Locating migrants who are adrift is like finding a needle in a haystack, but on the night of July 16, the crew says they were lucky while touring the radio frequencies.
Shortly before 9.00 pm, we heard a commercial ship, the Triades, tell the Libyan coast guard that he had seen a raft adrift. The captain rotated the Open Arms to the informed location and discovered the remains of the raft at 7.30 the next day.
After the rescue, three and a half days passed before we arrived at the only port that would accept it, Palma de Mallorca, in Spain. When we touched land Josepha still could not walk without help.
The drama did not end there.
The founder of Open Arms, Catalan activist Oscar Camps, filed a lawsuit in Palma accusing the captain of the Triades and the Libyan coast guard of involuntary manslaughter and of not helping the migrants. Under the international maritime law, ships must attempt to rescue any person in danger at sea.
In Spain, an accuser files a complaint with the local court, in this case in Palma, and the presiding judge decides whether to take the case further. The Palma court said that the claim is still being processed and that, therefore, an investigating judge had not been assigned.

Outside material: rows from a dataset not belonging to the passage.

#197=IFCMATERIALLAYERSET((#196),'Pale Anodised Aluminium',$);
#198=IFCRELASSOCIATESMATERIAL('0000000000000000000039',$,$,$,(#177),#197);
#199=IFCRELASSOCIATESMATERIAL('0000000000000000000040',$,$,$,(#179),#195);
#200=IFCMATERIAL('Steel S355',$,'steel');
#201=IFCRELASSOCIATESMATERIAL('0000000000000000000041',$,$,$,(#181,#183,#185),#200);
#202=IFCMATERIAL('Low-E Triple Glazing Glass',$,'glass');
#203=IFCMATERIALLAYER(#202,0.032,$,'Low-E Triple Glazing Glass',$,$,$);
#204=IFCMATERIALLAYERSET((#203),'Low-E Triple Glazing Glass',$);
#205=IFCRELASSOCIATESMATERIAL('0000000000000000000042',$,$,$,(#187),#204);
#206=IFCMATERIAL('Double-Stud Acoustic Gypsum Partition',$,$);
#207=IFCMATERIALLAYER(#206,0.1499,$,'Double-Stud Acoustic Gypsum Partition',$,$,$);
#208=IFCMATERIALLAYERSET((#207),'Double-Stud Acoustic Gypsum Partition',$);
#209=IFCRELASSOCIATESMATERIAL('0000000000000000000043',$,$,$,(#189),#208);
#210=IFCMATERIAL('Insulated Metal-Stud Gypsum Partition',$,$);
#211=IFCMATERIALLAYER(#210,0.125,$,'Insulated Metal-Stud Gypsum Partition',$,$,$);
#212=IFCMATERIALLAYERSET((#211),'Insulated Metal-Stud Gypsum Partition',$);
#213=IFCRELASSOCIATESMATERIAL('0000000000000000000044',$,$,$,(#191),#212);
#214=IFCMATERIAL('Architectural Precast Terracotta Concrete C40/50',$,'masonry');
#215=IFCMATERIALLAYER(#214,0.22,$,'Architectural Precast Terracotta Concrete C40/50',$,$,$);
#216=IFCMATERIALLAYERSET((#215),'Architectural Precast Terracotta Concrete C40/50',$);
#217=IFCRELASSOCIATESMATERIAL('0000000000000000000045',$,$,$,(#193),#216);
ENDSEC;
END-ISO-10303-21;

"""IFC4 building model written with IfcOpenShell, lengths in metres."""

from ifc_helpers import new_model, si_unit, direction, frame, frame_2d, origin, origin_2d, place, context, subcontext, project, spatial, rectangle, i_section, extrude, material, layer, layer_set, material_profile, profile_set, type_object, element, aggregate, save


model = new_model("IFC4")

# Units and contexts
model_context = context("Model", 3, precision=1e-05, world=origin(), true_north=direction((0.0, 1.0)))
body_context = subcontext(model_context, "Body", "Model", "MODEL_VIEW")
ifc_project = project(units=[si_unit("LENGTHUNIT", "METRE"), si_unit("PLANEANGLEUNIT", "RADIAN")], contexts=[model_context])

The Triades, a Panamanian flag merchant ship owned by the Greek shipping company Newport SA, docked in the Turkish port of Dortyol on Monday.
Newport refused to comment. Reuters could not contact the captain of the Triades through the company, who refused to give his contact details, or through the port authorities of Dortyol.

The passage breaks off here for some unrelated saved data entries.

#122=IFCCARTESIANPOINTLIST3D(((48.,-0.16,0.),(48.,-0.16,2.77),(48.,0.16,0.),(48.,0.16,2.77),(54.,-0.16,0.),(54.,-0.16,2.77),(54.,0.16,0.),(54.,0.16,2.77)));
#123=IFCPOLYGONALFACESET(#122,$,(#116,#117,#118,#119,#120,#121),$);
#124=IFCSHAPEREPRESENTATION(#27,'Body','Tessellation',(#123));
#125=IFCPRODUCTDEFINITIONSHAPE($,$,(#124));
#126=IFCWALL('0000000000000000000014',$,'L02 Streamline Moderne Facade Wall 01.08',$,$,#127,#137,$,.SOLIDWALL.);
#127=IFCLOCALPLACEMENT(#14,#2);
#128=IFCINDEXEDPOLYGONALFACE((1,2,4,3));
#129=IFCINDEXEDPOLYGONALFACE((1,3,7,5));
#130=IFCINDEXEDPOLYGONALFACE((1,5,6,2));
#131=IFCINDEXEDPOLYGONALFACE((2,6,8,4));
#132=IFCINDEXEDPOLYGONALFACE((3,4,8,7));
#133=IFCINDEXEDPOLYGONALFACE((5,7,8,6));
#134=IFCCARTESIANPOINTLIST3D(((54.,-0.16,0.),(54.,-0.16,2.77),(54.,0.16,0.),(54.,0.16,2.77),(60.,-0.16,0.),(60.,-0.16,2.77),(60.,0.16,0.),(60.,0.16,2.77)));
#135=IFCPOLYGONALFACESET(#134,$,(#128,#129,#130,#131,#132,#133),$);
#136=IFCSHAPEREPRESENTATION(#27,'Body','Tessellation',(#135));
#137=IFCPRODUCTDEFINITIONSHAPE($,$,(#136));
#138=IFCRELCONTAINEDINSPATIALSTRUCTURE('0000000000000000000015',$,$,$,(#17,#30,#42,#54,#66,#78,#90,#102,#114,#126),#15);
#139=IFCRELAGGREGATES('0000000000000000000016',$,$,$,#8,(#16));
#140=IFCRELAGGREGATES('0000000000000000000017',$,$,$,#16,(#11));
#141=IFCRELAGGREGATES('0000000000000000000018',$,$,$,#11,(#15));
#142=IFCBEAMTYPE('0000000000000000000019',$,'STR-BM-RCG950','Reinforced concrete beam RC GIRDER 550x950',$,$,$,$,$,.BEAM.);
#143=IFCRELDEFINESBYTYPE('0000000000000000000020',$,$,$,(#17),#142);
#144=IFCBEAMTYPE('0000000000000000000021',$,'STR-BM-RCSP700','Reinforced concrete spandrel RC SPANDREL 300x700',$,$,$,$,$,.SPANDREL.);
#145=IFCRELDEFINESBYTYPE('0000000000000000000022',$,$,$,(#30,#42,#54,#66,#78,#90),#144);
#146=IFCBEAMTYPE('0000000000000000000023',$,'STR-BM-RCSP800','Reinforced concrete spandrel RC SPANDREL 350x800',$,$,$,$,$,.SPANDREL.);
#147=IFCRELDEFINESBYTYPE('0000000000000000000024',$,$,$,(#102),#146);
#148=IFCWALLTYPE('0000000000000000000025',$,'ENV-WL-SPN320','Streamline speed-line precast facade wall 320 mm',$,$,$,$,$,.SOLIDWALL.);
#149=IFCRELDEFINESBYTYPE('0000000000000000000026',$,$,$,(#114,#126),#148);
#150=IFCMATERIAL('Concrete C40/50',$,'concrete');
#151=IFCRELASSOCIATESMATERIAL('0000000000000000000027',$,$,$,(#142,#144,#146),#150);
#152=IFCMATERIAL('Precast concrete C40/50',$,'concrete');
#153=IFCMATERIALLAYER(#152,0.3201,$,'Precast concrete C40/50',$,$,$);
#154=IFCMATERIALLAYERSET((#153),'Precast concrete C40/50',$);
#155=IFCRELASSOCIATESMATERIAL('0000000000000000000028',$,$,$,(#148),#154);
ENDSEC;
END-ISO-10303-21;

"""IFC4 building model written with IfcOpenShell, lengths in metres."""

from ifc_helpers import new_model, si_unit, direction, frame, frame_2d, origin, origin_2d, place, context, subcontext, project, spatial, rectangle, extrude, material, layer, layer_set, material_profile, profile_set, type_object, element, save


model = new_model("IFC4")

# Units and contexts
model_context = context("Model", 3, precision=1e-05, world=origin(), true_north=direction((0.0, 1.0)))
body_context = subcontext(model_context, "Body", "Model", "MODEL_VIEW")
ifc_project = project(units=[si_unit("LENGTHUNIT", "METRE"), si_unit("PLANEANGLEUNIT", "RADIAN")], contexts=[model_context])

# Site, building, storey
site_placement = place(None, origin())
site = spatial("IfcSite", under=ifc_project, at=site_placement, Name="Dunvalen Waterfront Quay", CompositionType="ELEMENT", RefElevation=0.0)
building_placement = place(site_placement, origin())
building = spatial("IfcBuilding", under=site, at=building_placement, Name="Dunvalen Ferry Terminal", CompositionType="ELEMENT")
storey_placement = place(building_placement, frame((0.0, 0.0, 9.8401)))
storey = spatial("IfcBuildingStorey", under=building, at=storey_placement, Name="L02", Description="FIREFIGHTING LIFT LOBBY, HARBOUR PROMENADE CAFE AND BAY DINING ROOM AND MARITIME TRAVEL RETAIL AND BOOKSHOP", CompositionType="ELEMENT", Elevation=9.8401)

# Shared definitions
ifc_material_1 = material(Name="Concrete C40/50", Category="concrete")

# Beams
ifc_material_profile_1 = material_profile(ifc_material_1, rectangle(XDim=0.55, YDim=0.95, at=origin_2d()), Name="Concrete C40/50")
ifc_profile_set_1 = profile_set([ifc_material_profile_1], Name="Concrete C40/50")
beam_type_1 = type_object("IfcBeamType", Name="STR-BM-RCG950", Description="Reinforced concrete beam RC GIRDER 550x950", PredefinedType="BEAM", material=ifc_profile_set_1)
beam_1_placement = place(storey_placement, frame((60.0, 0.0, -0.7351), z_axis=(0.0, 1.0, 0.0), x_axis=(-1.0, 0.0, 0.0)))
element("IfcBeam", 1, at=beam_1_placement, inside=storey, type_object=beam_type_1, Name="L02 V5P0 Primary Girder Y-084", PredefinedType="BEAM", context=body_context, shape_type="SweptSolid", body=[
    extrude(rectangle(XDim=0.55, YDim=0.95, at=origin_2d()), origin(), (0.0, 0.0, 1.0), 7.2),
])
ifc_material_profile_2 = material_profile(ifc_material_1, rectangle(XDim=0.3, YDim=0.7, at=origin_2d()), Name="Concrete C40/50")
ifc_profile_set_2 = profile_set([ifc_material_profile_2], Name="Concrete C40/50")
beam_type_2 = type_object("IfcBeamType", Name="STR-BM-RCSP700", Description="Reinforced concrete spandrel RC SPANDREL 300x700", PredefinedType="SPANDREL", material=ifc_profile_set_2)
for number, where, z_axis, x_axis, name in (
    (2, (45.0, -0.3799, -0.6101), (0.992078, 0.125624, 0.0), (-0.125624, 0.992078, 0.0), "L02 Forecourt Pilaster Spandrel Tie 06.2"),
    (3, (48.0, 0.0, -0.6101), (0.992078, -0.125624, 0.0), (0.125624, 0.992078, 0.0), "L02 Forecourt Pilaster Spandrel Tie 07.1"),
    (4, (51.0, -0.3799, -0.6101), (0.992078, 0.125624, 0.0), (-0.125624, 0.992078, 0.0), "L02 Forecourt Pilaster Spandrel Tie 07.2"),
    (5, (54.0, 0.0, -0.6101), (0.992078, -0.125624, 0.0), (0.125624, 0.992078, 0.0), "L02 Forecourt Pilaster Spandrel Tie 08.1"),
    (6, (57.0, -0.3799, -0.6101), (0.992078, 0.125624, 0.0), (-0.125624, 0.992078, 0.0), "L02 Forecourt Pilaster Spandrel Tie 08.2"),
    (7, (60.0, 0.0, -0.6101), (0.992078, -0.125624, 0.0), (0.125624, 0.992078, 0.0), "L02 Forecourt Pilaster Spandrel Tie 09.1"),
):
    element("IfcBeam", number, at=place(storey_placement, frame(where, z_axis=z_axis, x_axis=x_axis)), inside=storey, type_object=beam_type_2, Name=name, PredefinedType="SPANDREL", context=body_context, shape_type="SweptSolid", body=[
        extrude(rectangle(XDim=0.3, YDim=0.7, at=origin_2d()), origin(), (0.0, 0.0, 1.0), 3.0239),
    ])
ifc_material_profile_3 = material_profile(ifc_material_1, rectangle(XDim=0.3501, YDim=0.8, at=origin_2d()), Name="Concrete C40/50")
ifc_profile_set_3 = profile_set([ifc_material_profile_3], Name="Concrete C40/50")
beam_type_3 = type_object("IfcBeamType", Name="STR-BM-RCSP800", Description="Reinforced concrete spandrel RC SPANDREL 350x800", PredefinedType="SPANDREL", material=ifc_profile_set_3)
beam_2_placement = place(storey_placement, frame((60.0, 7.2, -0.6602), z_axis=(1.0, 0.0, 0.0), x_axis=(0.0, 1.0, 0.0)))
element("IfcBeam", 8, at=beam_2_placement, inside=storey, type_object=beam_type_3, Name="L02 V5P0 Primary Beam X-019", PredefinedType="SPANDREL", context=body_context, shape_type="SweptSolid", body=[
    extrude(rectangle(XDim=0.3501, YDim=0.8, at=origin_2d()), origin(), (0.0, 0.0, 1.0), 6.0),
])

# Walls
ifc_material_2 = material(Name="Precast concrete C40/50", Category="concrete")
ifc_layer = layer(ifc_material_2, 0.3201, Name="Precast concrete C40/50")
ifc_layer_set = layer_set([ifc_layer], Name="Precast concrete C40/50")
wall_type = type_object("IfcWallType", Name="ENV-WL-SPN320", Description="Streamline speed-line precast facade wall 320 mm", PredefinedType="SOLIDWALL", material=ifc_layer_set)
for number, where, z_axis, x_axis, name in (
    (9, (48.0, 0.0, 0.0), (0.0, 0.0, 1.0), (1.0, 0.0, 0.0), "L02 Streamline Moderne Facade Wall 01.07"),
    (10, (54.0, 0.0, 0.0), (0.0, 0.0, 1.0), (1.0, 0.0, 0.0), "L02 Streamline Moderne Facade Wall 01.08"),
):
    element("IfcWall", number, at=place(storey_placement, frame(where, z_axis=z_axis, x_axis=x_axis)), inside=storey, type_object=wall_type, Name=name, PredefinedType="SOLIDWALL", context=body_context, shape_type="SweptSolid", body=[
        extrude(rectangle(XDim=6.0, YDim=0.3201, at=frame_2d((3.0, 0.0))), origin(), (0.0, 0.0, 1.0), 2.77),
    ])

Reuters spoke with Ibrahim Ozen, general manager of Global Container Line, a company that provides information on the activities of the port, for contact with the ship.

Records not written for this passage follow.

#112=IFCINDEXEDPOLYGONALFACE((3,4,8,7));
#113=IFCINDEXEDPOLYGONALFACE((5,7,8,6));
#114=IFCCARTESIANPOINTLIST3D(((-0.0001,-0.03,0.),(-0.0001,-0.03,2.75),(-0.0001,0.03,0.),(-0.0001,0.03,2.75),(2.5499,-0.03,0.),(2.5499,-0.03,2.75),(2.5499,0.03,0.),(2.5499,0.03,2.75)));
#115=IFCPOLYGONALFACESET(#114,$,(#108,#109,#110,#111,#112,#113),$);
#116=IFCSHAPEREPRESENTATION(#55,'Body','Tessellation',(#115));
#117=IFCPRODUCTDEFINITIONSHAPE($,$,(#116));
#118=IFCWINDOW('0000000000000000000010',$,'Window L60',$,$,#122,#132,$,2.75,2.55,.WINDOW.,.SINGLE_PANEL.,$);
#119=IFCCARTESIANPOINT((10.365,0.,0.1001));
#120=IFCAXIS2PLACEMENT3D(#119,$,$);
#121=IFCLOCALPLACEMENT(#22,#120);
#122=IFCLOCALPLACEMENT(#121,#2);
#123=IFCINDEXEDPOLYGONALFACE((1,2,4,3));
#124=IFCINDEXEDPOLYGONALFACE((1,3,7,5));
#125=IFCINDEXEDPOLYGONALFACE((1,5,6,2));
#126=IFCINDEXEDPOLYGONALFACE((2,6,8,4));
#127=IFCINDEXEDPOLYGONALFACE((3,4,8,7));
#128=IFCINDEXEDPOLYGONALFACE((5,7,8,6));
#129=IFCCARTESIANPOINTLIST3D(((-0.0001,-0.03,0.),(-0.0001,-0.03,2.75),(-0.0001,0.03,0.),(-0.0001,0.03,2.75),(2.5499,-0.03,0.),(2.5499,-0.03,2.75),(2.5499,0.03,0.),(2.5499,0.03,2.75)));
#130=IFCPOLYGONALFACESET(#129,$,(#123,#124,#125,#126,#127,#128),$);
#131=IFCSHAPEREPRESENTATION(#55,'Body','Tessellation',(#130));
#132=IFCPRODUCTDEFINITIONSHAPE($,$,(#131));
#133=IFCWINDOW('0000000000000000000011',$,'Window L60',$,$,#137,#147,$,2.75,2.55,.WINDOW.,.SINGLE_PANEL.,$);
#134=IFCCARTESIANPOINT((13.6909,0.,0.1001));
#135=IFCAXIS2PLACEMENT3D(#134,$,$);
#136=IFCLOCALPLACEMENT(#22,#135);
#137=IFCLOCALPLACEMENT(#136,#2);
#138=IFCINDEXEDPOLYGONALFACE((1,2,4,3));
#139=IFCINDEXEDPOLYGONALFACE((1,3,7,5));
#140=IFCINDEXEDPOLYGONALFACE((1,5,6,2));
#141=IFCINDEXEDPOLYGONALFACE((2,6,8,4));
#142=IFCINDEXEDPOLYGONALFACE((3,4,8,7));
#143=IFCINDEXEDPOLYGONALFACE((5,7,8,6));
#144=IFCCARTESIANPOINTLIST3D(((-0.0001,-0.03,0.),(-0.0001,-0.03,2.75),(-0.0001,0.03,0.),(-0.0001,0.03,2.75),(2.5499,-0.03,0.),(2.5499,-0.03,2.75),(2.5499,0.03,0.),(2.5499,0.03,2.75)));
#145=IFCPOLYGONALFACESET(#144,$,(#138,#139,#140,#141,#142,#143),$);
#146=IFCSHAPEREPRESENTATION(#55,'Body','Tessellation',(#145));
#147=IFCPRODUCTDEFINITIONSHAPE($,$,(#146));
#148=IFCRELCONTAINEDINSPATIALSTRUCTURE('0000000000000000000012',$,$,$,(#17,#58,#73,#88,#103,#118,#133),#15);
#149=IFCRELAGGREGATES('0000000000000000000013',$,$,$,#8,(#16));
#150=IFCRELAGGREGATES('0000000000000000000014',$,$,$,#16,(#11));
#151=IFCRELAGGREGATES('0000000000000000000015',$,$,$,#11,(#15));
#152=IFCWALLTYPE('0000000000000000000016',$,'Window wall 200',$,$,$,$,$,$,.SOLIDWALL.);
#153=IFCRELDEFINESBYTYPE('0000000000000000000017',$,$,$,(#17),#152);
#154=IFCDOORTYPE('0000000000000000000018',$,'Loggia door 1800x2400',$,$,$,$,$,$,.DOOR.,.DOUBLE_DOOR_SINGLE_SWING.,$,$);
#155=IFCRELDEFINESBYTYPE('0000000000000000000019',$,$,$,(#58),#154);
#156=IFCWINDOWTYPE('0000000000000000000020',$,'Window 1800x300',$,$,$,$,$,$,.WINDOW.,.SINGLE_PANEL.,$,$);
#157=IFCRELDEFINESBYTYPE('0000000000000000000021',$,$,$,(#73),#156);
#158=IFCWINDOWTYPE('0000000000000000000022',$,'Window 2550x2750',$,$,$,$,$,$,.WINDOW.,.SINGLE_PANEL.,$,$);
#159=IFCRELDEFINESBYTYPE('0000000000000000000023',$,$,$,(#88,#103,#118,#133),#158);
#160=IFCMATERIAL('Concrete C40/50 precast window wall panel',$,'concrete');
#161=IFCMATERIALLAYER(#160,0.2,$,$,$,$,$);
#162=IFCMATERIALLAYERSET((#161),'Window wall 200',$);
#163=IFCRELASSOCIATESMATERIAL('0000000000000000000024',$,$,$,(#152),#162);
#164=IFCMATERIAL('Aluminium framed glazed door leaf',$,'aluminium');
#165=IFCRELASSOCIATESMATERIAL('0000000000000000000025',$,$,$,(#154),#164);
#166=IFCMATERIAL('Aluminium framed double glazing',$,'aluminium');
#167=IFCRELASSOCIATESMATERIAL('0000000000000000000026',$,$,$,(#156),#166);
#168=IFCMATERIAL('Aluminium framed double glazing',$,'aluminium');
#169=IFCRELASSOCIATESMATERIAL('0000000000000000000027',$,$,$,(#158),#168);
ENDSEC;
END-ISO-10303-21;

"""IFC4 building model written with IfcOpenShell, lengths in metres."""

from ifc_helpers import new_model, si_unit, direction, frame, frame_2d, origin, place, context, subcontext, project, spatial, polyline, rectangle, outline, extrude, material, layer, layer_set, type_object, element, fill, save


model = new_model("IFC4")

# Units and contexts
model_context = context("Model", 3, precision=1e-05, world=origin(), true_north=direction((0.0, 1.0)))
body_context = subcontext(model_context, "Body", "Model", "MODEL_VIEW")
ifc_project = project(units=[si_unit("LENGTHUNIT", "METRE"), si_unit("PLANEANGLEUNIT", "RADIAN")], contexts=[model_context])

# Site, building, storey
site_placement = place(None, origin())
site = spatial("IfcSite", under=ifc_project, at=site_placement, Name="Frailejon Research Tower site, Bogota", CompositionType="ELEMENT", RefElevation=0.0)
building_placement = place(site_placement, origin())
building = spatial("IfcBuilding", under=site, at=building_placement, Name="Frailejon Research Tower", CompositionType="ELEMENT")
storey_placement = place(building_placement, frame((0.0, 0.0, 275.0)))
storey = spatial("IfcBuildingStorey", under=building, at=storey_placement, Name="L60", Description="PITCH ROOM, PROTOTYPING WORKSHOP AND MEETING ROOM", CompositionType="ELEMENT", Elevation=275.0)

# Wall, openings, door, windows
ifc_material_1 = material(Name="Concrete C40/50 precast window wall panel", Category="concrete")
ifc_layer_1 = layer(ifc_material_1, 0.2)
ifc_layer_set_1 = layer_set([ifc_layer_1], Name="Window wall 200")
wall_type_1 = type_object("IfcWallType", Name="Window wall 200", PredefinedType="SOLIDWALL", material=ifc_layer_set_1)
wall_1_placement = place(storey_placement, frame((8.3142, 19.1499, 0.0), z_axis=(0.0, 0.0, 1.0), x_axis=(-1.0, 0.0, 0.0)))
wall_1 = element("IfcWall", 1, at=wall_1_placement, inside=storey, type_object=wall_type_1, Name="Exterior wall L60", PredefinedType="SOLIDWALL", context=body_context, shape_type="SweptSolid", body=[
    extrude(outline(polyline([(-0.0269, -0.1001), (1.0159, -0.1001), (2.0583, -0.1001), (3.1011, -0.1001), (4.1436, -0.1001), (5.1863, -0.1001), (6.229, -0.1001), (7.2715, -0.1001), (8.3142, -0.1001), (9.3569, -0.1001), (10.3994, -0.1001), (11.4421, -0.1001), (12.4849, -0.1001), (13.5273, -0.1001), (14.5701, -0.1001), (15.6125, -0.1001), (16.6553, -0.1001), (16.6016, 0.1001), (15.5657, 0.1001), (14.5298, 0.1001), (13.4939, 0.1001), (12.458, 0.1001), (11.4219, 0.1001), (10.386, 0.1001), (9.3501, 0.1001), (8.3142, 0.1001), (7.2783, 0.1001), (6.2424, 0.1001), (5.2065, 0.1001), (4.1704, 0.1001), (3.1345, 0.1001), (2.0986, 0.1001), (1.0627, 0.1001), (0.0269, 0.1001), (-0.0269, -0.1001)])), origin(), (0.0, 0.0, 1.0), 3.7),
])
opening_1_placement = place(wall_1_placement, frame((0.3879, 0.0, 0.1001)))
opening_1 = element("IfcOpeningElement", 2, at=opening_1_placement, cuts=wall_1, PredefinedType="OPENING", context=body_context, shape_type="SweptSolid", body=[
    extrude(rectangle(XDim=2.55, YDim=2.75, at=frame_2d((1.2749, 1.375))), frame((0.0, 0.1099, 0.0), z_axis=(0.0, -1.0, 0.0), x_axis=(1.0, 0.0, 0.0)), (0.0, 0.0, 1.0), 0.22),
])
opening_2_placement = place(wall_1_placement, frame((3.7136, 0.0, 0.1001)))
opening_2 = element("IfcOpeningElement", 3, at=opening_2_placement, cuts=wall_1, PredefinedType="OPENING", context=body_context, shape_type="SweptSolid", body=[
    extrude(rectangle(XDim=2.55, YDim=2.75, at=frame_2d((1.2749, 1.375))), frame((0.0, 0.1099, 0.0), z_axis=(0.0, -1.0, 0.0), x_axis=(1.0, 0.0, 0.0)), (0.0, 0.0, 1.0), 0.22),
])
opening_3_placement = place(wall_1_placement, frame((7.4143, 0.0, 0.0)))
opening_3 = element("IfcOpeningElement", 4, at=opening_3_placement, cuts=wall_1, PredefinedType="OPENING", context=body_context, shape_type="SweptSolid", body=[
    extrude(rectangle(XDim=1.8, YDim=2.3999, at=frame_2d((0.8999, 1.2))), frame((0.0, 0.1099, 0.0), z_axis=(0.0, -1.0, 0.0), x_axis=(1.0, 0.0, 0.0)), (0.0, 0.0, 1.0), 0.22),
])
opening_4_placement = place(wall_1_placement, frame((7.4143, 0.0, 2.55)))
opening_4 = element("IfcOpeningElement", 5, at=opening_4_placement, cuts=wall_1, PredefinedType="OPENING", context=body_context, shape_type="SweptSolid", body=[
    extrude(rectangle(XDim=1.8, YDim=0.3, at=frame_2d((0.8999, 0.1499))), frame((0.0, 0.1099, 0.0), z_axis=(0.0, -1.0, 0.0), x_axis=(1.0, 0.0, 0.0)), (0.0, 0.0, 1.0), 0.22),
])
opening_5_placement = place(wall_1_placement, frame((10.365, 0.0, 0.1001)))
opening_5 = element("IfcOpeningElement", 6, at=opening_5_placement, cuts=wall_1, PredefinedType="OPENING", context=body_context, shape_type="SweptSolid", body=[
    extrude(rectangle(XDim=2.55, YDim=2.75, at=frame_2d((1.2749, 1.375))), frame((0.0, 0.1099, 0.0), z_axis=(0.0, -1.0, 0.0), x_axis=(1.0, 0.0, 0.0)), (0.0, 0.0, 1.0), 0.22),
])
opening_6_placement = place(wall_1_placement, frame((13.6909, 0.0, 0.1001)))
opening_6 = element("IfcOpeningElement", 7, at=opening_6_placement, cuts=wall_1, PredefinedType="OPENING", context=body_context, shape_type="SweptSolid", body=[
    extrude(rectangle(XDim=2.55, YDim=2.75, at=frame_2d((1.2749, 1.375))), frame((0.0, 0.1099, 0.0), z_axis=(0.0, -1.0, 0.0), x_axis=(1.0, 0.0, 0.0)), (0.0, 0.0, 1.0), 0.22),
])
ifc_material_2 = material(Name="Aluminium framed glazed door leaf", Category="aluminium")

Ozen said Thursday he would try to contact someone in Triades, but he did not answer any more questions.
A spokeswoman for the Open Arms reported that Josepha would not answer any more questions due to the lawsuit.
Camps said radio traffic between the Triades and the Libyan coast guard showed that the ship’s crew had seen the raft but did not provide help. I heard the radio exchange between the Triades and the Coast Guard, which corroborates Camps’ version.
Camps also accused Italy and Malta of refusing to allow the Open Arms to land after the rescue, forcing a much longer trip to Spain.
Italy said things were not like that and accused the charity of lying about the circumstances of the rescue.
Camps, citing Josepha’s account, said the Libyan coast guard had abandoned the three migrants in the midst of the ravaged remains of the raft because they refused to board the patrol.
The Libyan coast guard denied having left the raft at sea. “It is not in our religion, our ethics or our conduct to abandon human lives at sea,” the maritime authority said in a statement in which it also questioned Camps’ version of the events.